It seems I'm not so different with my Cancer.
You see I am one of the lucky ones. My cancer is completely gone. The mastectomy took it all and according to my doctors the chances of it ever coming back in my breasts are next to nothing. But what I am left with is a terror that I cannot explain. The fear that if it's in my breast, why wouldn't be somewhere else as well? It is a fear that takes a small, very normal ovarian cyst for anyone else and turns it into full blown ovarian cancer in my mind. It sends my world into a tailspin of trans vaginal ultrasounds and CA125 tests that I am currently awaiting the results for and waiting is where the real fear lives. Not knowing is the terror in the night. The monster under the bed.
I can remember fear as a child. It hasn't changed much as an adult.

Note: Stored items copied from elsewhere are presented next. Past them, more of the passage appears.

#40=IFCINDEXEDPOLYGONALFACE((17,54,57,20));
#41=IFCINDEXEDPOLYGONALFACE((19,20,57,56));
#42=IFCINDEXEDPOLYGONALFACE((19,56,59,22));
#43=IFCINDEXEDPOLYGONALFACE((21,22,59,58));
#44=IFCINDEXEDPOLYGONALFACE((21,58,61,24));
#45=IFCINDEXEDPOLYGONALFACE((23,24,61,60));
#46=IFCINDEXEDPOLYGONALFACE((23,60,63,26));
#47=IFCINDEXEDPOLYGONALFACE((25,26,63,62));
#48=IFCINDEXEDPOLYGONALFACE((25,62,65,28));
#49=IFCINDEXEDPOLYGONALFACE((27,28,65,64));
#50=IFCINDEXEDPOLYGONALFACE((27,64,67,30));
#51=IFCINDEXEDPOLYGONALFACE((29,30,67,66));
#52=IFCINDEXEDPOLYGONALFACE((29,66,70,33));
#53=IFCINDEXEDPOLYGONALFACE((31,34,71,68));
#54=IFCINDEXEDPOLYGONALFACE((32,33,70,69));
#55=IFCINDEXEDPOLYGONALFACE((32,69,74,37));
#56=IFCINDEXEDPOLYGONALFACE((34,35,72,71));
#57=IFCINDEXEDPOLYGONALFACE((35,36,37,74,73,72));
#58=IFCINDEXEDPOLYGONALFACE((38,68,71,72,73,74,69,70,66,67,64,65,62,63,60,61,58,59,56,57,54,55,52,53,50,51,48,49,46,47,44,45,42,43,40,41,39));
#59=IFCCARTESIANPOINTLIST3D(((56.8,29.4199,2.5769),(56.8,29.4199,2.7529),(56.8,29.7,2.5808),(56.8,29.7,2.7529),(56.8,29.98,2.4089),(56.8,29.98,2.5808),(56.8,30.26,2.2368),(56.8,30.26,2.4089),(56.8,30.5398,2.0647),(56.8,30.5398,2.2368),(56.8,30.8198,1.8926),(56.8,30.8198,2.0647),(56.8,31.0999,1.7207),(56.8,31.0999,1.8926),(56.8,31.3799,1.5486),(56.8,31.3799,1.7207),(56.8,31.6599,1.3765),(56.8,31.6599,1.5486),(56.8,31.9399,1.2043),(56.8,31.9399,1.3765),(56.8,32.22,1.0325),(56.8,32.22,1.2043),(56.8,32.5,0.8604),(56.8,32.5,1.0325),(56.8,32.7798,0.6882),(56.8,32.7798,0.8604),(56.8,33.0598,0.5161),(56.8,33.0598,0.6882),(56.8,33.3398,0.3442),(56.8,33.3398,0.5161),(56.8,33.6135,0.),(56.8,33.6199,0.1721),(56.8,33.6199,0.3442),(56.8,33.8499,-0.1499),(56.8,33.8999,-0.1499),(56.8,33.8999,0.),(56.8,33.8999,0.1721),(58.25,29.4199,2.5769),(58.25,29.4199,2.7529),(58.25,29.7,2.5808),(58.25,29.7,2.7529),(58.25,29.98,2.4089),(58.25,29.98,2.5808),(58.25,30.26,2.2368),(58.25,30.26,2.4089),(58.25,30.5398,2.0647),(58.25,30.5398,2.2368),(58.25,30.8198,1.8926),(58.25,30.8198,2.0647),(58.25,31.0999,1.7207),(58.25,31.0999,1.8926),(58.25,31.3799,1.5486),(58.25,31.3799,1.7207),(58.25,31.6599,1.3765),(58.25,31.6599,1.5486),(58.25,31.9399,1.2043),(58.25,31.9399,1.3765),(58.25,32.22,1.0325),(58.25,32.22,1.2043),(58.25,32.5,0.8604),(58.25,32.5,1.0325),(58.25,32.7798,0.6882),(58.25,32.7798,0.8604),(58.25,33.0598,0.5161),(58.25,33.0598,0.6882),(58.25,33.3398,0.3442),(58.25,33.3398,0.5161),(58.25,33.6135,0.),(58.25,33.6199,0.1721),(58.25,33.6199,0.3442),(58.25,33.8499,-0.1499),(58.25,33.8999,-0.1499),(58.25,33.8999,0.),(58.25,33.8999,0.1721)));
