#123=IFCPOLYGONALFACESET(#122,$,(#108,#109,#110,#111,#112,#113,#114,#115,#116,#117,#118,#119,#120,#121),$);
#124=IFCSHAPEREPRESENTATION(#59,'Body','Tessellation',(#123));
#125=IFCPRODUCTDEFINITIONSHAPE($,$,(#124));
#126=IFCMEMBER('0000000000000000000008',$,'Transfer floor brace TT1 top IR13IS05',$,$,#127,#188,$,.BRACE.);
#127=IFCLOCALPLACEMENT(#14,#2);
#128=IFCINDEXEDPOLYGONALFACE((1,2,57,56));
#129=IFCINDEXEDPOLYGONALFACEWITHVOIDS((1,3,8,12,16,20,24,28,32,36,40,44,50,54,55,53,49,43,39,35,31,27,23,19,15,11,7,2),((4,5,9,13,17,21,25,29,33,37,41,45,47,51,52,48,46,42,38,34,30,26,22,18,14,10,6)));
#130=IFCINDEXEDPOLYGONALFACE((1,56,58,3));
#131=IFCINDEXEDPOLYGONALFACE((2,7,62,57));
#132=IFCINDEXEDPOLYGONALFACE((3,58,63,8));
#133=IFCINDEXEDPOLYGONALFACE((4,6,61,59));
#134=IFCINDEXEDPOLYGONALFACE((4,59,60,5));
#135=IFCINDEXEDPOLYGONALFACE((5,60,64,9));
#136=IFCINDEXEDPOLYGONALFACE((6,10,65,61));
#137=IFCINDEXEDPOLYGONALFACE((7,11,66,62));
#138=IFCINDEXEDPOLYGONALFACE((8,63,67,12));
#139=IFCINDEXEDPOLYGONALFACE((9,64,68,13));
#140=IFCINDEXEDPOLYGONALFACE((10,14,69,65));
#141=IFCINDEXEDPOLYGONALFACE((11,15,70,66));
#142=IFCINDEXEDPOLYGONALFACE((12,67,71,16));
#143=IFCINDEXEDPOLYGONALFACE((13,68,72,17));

I am still waiting, Counting Cars and hoping that the next phone call wont be my doctor telling me that I now have cancer somewhere else. Oh and as for protecting those around me from my fears? I'm still doing that as well. I'm writing this blog, I'm being there for other cancer patients and I'm trying to seem as much like the old me as I can.
But in my mind, when the night is dark and quiet, I find myself counting "One....Two...." and I hope that in a few days, I'll have the answers I need and that proverbial car will drive up and I will once again fell safe. That is of course until the next time.....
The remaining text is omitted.